If I wanted to eliminate all digraphs without any regard for compatibility with Sanskrit:

- unaspirated/aspirated pairs ㄱㅋㅈㅊㄷㅌㅂㅍ [k kʰ tɕ tɕʰ t tʰ p pʰ] could be written as

g/k, j/c, d/t, b/p

instead of

k/kh, c/ch, t/th, p/ph

- reinforced consonants ㄲㅉㅆㄸㅃ [k͈ tɕ͈ s͈ t͈ p͈] could be written as

ḱ, ć, ś, t́, ṕ (does any existing orthography have t́?)

with an acute accent for 'length' instead of

kk, cc, ss, tt, pp

and palatal ㅅ [ɕ] and reinforced palatal ㅆ [ɕ͈] would be š with a háček (continuing the Czech and Slovak influence, though š is Cz/Sl [ʃ], not [ɕ]) and š́ with an acute atop a háček (is this in any existing orthography?).

These proposals are just for fun. This excerpt from the Universal Declaration of Human Rights (세계인권선언 Ségye ingwôn sônôn) will probably be the only example of text in my no-digraph romanization:

모든 인간은 태어날 때부터 자유로우며 그 존엄과 권리에 있어 동등하다. 인간은 천부적으로 이성과 양심을 부여받았으며 서로 형제애의 정신으로 행동하여야 한다.

Módûn ingan-ûn têônal t́ê-butô jâyuroumyô gû jonôm-gwa gwôlli-e iśô doṅdûṅ-hâda. Ingan-ûn cônbujôg-ûro ísôṅ-gwa yaṅšim-ûl búyô badaśûmyô sôro hyôṅjeê-ûi jôṅšin-ûro hêṅdoṅ-hâyôya hânda.

There are hardly any long vowels since vowel length is only distinctive in first syllables (and only for older speakers). I have archaized the romanization a bit so I can demonstrate the usage of â.

12.12.9.23:00: WHY 'CLOTH CRY'?

On December 7, the 71st anniversary of the Pearl Harbor attack, I found a December 9, 1941 毎日申報 Maeil shinbo article about it. The newspaper's Korean name for Hawaii was 布哇, read as 포와 Phowa or more rarely 포왜 Phowae, the reading used by the National Digital Library of Korea. Both are very different from modern 하와이 Hawai 'Hawaii'. (哇 can also be read as hwa and kyu, but 布哇 is never read *Phohwa or *Phogyu with -k- becoming -g- between -o- and -y-.) The spelling 布哇 'cloth-cry' was taken from Japanese 布哇 Hawai 'Hawaii'.

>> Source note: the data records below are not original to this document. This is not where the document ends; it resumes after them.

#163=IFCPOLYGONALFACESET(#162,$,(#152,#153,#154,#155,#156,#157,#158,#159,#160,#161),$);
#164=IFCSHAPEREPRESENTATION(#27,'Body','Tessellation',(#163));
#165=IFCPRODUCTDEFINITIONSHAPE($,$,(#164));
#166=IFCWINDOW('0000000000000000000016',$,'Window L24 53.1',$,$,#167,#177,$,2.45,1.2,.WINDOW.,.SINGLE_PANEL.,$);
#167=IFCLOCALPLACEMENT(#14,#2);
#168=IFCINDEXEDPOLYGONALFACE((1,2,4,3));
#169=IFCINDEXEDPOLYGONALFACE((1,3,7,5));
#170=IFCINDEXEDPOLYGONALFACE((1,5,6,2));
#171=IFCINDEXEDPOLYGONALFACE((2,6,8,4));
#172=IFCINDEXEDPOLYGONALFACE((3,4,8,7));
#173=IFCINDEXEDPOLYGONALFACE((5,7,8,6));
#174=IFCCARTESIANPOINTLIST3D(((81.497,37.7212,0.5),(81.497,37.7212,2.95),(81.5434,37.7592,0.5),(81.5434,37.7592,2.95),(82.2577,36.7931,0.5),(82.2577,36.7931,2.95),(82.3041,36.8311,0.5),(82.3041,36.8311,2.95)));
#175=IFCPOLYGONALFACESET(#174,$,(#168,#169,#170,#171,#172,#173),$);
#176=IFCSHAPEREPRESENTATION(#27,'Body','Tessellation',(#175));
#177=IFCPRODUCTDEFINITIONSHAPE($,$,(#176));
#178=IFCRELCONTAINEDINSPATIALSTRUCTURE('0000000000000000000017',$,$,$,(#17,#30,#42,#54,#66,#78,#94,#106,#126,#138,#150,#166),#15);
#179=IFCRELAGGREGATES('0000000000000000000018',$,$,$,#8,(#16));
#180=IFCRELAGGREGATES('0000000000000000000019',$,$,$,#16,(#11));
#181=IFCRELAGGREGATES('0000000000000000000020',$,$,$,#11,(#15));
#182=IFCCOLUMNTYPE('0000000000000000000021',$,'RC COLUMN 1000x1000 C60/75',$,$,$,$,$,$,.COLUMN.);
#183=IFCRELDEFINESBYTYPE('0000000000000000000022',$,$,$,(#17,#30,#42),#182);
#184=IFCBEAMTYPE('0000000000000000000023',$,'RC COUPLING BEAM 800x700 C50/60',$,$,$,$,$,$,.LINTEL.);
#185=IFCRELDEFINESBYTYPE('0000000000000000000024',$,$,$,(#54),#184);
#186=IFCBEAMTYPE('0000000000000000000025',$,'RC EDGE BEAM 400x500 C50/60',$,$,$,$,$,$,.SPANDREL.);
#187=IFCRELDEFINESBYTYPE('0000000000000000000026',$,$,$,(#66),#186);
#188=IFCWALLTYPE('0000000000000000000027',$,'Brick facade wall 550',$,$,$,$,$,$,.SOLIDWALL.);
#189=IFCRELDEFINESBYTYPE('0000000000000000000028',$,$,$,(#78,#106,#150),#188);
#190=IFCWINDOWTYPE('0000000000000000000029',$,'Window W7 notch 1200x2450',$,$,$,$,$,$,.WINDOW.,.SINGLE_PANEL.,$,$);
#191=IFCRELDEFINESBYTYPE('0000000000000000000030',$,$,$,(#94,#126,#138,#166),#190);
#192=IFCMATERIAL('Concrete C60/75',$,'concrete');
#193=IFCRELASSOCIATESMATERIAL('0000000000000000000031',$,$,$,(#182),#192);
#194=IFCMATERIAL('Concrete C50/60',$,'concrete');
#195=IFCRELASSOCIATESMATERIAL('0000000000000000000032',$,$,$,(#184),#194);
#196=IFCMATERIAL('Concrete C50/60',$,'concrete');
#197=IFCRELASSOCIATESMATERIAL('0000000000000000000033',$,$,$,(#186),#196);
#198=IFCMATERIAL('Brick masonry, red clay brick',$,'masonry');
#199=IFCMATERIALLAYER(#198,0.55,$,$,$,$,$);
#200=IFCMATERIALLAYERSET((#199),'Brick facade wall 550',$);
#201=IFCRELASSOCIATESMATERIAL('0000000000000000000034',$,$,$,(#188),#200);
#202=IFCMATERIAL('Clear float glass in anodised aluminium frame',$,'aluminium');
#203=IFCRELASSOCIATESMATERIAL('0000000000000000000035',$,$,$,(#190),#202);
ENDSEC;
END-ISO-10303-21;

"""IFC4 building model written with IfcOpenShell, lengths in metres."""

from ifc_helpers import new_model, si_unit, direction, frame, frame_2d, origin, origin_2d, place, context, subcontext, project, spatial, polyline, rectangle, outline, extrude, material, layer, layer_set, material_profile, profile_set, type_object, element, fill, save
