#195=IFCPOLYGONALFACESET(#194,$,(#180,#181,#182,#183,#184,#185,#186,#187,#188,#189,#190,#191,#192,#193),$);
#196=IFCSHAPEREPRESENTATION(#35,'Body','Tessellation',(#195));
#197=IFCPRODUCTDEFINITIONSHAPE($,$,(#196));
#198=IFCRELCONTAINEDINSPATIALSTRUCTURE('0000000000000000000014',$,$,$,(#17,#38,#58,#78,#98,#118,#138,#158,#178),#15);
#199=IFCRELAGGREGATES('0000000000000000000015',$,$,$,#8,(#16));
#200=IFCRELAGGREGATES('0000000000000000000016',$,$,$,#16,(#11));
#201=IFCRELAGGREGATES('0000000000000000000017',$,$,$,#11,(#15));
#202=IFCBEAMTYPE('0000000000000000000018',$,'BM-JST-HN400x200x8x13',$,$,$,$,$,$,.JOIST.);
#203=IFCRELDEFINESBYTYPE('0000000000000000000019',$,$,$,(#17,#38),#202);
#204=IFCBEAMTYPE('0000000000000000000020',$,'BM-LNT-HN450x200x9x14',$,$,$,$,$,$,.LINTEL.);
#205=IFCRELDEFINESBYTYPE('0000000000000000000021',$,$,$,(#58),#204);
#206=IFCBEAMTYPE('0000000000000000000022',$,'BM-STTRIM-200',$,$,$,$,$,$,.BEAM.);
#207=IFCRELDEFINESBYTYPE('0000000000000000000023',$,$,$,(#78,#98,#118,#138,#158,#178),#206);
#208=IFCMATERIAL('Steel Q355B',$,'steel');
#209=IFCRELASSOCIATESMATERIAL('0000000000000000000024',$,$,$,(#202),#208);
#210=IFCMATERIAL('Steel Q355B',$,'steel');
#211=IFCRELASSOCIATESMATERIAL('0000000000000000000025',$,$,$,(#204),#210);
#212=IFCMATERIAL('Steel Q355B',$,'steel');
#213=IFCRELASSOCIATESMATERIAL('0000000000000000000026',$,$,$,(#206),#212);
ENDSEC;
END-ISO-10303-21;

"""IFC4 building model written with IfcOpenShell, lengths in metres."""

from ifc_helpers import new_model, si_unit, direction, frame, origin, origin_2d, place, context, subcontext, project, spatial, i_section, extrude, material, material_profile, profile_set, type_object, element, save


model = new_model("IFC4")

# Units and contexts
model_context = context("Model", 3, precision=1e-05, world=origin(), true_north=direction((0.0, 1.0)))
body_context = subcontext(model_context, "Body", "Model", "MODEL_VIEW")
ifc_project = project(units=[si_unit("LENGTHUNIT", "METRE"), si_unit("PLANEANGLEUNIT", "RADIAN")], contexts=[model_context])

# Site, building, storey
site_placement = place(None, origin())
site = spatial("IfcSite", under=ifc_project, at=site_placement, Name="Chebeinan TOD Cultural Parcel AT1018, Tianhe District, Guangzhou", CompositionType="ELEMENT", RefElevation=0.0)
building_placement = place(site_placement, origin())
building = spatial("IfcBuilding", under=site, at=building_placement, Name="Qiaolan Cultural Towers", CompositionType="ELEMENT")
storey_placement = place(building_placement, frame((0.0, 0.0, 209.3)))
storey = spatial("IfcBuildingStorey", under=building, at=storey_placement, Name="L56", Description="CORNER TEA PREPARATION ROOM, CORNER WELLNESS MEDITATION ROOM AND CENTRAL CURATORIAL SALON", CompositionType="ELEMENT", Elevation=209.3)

One might think that 布 and 哇 are respectively read as ha and wai in Japanese, but they are never read that way except in 布哇 Hawai. 布哇 looks like it should be read as *Fuwa or *Fuai in Japanese. I learned the spelling 布哇 around 1987 and have been wondering about it for a quarter-century. A solution finally occurred to me on Friday afternoon:

1. Hawaii has an Anglicized pronunciation [həʹwaj] with an unstressed first vowel.

2. A Japanese speaker could have heard [həʹwaj] as if it were [h(u)waj] and approximated it in Japanese as 布哇 Fuai.

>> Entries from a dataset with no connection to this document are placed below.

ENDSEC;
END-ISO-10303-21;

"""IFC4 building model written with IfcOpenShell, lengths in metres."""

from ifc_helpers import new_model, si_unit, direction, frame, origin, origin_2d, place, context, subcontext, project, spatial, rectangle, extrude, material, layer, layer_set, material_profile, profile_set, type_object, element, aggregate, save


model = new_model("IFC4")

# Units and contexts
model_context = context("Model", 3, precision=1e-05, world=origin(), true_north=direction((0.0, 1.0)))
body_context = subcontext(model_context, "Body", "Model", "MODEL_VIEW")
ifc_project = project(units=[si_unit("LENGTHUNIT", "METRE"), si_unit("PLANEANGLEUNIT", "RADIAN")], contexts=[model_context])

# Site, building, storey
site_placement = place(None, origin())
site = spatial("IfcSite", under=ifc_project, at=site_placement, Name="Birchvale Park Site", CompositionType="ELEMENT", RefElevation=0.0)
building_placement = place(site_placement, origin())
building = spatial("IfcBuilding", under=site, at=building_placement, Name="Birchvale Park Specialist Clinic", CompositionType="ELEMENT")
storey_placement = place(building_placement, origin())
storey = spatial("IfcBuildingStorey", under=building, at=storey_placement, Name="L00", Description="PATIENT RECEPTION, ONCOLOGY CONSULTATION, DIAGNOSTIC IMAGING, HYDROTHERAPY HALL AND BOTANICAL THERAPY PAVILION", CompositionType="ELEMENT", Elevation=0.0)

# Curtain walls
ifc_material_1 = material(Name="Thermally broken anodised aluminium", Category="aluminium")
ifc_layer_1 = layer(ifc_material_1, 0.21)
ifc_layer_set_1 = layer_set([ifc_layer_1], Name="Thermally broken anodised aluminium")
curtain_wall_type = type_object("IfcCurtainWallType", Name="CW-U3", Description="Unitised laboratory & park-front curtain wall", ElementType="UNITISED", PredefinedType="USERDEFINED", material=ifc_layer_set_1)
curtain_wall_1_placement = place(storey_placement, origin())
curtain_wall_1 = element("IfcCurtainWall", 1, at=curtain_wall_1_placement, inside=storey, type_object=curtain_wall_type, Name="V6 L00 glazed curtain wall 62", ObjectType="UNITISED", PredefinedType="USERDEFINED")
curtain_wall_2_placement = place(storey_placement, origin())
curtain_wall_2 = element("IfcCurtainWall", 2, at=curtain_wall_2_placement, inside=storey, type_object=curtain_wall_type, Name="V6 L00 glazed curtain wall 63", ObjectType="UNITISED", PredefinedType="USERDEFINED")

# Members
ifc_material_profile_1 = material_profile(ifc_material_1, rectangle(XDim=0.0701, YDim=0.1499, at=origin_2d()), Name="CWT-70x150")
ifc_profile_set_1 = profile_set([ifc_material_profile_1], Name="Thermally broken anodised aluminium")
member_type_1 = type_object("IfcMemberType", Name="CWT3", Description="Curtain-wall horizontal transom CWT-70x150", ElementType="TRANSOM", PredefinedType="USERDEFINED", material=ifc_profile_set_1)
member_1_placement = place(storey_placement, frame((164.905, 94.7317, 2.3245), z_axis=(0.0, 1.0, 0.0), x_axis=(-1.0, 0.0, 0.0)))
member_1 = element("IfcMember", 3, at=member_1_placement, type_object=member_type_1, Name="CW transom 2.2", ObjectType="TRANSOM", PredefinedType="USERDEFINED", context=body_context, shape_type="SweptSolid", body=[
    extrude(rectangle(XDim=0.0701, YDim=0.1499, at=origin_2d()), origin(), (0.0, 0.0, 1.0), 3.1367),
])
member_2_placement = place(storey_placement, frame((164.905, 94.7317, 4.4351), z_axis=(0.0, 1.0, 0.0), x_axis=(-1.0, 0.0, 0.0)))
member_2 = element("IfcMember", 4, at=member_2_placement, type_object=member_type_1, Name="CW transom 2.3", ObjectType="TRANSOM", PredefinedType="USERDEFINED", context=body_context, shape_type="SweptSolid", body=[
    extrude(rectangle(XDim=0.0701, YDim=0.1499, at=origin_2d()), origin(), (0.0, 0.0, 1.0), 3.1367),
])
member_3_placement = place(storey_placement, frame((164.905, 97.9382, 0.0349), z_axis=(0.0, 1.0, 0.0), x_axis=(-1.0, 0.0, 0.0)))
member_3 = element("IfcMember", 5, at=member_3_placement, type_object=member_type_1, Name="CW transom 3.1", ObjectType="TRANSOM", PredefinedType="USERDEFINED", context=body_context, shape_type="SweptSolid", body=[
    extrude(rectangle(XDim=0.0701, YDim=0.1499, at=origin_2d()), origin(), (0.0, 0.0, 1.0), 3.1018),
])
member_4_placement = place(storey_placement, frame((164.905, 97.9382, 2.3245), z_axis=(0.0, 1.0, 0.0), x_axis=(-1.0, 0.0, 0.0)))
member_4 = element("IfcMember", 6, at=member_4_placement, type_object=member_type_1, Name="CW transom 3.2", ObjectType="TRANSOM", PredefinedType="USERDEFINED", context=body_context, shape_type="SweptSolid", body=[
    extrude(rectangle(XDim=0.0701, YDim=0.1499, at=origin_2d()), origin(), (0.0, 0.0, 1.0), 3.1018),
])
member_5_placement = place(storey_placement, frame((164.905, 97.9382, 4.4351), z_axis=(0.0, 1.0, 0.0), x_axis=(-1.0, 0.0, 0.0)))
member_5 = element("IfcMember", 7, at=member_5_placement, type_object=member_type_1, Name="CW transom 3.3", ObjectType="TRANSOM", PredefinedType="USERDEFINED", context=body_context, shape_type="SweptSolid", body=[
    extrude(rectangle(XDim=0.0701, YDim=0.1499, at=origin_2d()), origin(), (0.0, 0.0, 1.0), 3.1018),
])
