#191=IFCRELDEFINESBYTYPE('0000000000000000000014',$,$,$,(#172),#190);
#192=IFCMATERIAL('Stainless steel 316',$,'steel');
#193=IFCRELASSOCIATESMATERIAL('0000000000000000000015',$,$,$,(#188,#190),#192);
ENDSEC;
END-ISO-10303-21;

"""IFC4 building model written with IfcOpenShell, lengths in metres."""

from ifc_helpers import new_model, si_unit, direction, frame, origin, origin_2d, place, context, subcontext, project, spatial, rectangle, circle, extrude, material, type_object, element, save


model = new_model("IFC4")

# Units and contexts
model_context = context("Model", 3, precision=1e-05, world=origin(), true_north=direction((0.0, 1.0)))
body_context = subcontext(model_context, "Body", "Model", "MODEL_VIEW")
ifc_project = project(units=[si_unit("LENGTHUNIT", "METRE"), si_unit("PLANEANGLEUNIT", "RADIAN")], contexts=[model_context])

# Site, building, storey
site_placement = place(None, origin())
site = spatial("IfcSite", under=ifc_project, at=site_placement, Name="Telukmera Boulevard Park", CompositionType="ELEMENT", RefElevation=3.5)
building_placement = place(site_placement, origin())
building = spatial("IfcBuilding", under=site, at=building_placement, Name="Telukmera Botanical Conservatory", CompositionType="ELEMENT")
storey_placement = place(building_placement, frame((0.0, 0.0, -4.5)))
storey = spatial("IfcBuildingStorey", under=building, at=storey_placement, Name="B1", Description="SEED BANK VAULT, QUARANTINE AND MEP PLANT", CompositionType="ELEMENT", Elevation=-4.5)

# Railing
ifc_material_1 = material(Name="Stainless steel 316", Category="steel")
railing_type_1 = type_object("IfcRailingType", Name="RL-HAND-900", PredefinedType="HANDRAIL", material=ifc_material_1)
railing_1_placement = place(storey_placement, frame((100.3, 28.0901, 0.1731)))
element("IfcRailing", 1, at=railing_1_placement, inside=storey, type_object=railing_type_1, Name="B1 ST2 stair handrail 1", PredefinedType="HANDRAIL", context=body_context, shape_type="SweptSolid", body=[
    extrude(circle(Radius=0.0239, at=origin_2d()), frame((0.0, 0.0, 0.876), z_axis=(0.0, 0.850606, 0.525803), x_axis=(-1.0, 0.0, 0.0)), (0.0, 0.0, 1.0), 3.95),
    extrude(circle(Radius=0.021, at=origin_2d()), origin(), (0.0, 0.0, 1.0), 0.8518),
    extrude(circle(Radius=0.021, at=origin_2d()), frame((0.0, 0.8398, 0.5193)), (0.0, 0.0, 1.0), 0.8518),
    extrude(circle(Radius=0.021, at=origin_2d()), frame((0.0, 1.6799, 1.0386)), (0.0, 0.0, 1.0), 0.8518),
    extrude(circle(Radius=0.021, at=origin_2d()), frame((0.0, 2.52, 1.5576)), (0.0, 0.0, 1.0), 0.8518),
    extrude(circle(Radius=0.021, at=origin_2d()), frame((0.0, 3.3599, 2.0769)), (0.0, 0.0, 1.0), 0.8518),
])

3. Later the name was reborrowed as Hawai (influenced by its English spelling Hawaii*) and was assigned to the existing kanji spelling 布哇.

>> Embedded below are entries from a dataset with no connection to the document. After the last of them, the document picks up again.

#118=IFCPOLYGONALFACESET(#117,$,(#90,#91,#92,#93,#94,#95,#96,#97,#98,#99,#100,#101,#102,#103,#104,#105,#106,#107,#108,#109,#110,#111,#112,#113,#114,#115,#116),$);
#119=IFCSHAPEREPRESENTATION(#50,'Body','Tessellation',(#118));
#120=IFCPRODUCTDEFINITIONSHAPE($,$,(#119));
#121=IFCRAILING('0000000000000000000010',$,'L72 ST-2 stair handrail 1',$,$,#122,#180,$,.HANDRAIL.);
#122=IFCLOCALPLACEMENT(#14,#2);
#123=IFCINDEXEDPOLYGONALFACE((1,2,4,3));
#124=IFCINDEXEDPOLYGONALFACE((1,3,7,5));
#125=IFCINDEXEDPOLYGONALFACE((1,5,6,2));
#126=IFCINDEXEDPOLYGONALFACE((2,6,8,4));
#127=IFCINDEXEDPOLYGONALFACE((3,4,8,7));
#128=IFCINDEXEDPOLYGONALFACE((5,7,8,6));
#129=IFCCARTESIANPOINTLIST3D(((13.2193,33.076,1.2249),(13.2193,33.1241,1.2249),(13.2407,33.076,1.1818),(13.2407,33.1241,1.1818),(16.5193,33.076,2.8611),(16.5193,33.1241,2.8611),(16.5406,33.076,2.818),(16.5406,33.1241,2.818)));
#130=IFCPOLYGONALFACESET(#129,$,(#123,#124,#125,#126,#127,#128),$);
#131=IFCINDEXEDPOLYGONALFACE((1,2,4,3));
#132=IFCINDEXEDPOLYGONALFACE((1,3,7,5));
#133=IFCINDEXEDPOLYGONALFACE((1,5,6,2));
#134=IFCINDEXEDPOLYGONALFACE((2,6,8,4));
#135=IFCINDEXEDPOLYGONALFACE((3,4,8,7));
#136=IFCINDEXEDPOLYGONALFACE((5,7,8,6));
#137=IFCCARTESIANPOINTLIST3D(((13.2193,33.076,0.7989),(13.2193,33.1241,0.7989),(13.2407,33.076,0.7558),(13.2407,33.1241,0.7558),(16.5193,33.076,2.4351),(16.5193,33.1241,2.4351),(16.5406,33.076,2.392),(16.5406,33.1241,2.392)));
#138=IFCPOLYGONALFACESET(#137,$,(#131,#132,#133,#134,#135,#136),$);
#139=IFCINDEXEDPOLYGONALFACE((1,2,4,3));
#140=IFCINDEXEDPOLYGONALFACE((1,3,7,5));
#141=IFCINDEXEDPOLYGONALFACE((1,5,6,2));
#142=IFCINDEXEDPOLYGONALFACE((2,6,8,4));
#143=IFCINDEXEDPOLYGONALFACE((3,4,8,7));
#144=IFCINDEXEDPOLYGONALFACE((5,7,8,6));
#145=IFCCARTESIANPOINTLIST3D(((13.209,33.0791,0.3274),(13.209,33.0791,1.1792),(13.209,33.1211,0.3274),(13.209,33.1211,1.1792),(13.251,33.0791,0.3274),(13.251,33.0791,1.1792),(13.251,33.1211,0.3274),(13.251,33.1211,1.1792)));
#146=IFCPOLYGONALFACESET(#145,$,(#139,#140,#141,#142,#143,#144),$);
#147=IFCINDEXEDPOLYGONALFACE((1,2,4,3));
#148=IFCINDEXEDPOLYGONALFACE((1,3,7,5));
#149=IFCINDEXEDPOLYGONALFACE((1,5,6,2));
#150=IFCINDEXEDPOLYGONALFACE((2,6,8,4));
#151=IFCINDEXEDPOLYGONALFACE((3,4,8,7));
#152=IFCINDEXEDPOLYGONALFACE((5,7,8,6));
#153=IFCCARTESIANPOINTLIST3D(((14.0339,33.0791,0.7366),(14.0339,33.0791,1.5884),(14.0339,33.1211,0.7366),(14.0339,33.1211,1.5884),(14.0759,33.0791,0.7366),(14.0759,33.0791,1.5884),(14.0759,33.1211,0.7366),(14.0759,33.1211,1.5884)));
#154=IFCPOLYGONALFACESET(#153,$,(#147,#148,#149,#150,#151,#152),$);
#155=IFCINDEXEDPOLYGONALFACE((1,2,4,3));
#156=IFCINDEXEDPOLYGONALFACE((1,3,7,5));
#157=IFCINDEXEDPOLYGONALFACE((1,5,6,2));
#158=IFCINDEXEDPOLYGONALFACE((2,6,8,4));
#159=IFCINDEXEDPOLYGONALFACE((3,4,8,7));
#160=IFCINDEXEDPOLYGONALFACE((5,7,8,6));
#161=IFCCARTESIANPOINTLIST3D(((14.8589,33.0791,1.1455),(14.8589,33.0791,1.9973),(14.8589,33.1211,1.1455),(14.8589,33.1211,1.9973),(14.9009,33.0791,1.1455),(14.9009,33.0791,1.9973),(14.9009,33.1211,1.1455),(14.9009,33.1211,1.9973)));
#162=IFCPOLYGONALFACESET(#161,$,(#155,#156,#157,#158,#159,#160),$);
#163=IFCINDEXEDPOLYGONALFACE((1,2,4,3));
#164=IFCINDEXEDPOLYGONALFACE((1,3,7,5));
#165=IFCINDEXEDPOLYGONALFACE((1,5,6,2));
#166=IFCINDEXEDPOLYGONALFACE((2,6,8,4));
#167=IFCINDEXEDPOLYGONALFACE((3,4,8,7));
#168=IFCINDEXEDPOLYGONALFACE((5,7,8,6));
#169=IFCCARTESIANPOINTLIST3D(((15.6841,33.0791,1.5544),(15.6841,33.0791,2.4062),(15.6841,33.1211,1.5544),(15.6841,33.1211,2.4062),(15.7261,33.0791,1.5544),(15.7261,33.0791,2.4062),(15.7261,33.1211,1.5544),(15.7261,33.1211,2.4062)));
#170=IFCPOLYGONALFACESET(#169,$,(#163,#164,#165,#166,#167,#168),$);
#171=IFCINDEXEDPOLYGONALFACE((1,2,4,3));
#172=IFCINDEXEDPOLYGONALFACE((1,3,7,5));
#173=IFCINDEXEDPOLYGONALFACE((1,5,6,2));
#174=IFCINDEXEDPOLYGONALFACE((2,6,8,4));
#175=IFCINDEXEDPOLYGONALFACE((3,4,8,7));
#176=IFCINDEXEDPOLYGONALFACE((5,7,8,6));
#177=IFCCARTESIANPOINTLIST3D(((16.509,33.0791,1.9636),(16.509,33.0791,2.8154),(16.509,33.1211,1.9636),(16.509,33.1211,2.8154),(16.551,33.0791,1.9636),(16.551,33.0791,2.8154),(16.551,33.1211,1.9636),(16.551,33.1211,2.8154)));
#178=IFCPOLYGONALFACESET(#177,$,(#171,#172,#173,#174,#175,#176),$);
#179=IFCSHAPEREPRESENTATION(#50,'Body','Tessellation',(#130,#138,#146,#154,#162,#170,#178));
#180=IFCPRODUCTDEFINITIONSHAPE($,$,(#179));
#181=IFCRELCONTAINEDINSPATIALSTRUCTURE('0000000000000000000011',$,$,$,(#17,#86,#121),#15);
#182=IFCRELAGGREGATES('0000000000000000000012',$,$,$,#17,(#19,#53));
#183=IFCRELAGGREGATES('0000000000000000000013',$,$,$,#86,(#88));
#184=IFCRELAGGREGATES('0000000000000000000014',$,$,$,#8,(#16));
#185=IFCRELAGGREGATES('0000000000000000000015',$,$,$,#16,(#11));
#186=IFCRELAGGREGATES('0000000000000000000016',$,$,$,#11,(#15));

In short, the spelling reflects an 'ear-borrowing' and the pronunciation reflects a later 'eye-borrowing'. But is there any evidence for an earlier reading Fuai for 布哇?

Sometimes kanji spellings that make little sense in Japanese turn out to be Chinese-based, but Chinese readings like Mandarin Buwa, Cantonese Bouwa, etc. also have an unexpected initial and lack -i. So I think the explanation must involve Japanese.

*I presume that 布哇 was coined in the 19th century before the spelling Hawai'i caught on in English.